Brendan Hassett (Rice)

Flipping the moduli space of curves.

Using methods of Geometric Invariant Theory, we constuct the first flip of
the moduli space of stable curves and discuss how it may be interpretted
as a moduli space in its own right. (Joint work with David Hyeon).
 

Jan Segert (Missouri)

A GIT approach to isomonodromic deformations.

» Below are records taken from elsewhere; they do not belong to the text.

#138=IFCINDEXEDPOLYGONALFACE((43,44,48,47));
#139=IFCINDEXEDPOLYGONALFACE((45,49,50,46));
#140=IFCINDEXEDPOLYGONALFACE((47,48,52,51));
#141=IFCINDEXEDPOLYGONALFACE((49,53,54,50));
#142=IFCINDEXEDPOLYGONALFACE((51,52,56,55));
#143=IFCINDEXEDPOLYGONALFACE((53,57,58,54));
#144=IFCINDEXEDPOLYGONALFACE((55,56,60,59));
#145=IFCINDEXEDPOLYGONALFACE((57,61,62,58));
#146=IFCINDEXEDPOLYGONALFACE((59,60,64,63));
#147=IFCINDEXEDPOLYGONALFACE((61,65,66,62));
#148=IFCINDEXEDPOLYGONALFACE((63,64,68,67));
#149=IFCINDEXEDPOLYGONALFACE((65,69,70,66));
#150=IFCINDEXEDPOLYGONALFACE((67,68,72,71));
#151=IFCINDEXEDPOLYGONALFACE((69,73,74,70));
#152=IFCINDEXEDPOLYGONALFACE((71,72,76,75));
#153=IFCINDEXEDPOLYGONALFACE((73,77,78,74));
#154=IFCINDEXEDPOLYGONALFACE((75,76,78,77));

Isomondromic deformations of a meromorphic connection with simple poles
are usually described by differential equations  that do  not respect the
symmetries of the system.  Painleve VI, the Schlesinger equations, and
the semisimple Frobenius manifold equations are all examples of such
differential equations.  We reformulate the isomonodromic deformation
problem using ideas from GIT.  This leads to a simple unified framework for
understanding the known results about Painlve VI using elementary algebraic
geometry, and suggests methods for studying more difficult isomonodromic
deformation problems such as semisimple quantum cohomology.
 
 

Ivan Arzhantsev (Moscow)

On stability of diagonal actions.

We prove that for any action of a semisimple group G on an affine variety M
there exists an integer n such that the diagonal action of G
on the m-fold product M x  M x ... x M is stable for all m> n.
 
 

Anvar Mavlyutov (Indiana)

Embedding of Calabi-Yau deformations  into toric varieties.

Calabi-Yau hypersurfaces in toric varieties have two types of deformations:
"polynomial" - peformed inside the toric variety and "non-polynomial" -
leading outside the ambient space. Recently, we constructed the non-polynomial
deformations of Calabi-Yau hypersurfaces by regluing certain Zariski open subsets.
This generalized examples of non-polynomial deformations of Calabi-Yau
hypersurfaces in some weighted projective spaces due to S. Katz and D. Morrison.
While the latter construction worked only in certain cases, it gave an explicit
embedding of the deformations into products of weighted projective spaces.
We found that our construction also has such an embedding into a toric variety.
More precisely, we show that all deformations of semiample Calabi-Yau
hypersurfaces in complete simplicial toric varieties can be realized as complete
intersections in higher dimensional toric varieties.
 
 

Nicholas Proudfoot (Berkeley)

Hypertoric varieties.

Hypertoric (or toric hyperkahler) varieties are quaternionic analogues of toric varieties,
introduced a few years ago by Bielawski and Dancer.  Like toric varieties, hypertoric
varieties are combinatorially defined, and many of their elegant geometric
properties can be read off from simple combinatorial diagrams.  In this
talk we will discuss some of these properties, emphasizing the differences
between the combinatorics in the toric and hypertoric settings.